By that logic, the Greens should have taken all the stuff about saving the planet out of their manifesto, they might have got a few more votes. Or maybe UKIP should have skipped the bit in theirs about leaving Europe........after all, if its not in the manifesto.........


----------



## Doon frae Troon (May 10, 2015)

ColchesterFC said:



			As you seem to have spectacularly failed to grasp my point (and I'm fairly sure it is because you are being deliberately bloody minded and obtuse) I will spell it out for you.......

*50%* vote *FOR* the SNP and that *IS* the clear will of the Scottish people.

*56%* vote *AGAINST* what the SNP want and that *ISN'T* conclusive.

CLUE -  A smaller percentage voting for what you want is seen as decisive. A larger percentage voting against what you want is not decisive. 

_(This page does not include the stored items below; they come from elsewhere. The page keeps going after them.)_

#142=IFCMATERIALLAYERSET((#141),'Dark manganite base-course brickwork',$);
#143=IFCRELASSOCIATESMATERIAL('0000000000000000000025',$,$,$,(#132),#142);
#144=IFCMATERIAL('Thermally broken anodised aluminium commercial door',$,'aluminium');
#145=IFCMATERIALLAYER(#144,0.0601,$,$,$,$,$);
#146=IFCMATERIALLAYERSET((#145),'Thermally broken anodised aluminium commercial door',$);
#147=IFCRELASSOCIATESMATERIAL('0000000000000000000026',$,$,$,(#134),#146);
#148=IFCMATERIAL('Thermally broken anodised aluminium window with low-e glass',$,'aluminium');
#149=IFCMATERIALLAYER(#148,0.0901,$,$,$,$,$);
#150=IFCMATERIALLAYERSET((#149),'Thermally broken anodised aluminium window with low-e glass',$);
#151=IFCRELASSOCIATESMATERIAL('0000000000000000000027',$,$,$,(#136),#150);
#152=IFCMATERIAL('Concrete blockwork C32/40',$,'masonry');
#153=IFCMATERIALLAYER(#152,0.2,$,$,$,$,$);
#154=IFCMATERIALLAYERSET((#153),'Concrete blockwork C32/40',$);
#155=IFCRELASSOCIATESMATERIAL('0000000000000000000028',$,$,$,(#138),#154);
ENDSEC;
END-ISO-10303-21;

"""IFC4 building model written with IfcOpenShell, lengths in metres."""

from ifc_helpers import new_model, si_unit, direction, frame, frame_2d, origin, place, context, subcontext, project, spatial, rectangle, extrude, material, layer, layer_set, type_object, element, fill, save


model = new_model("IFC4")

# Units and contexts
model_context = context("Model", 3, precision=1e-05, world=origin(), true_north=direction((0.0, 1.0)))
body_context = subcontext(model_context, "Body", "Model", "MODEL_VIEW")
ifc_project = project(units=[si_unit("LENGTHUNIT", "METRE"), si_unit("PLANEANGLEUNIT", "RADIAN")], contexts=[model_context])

Or to put it another way, the SNP and the losing pro-independence campaigners are a bunch of hypocrites. Is that clear enough for you?
		
Click to expand...

A referendum and a GE are two totally different things.
If 50% of England voted Tory and they won 94% of the available seats, would you view that as the settled will of the English people ?


----------



## Doon frae Troon (May 10, 2015)

NWJocko said:



			What happened to "the settled will of the Scottish people" Doon?

Or is it it only that when you have the upper hand 

Click to expand...

At Westminster it became a lot stronger. I thought that would have been obvious to everyone.


----------



## alexbrownmp (May 10, 2015)

Doon frae Troon said:



			A referendum and a GE are two totally different things.
If 50% of England voted Tory and they won 94% of the available seats, would you view that as the settled will of the English people ?
		
Click to expand...

ColchesterFC makes a very valid point- you are adopting the typical SNP stance of ignorance, ignoring, deflection and unsubstanciated statements.

\it is very clear on here that facts are ignored when it comes to the SNP and their followers who do appear to blindly follow from I have seen and questioned


----------



## Spuddy (May 10, 2015)

alexbrownmp said:



			ColchesterFC makes a very valid point- you are adopting the typical SNP stance of ignorance, ignoring, deflection and unsubstanciated statements.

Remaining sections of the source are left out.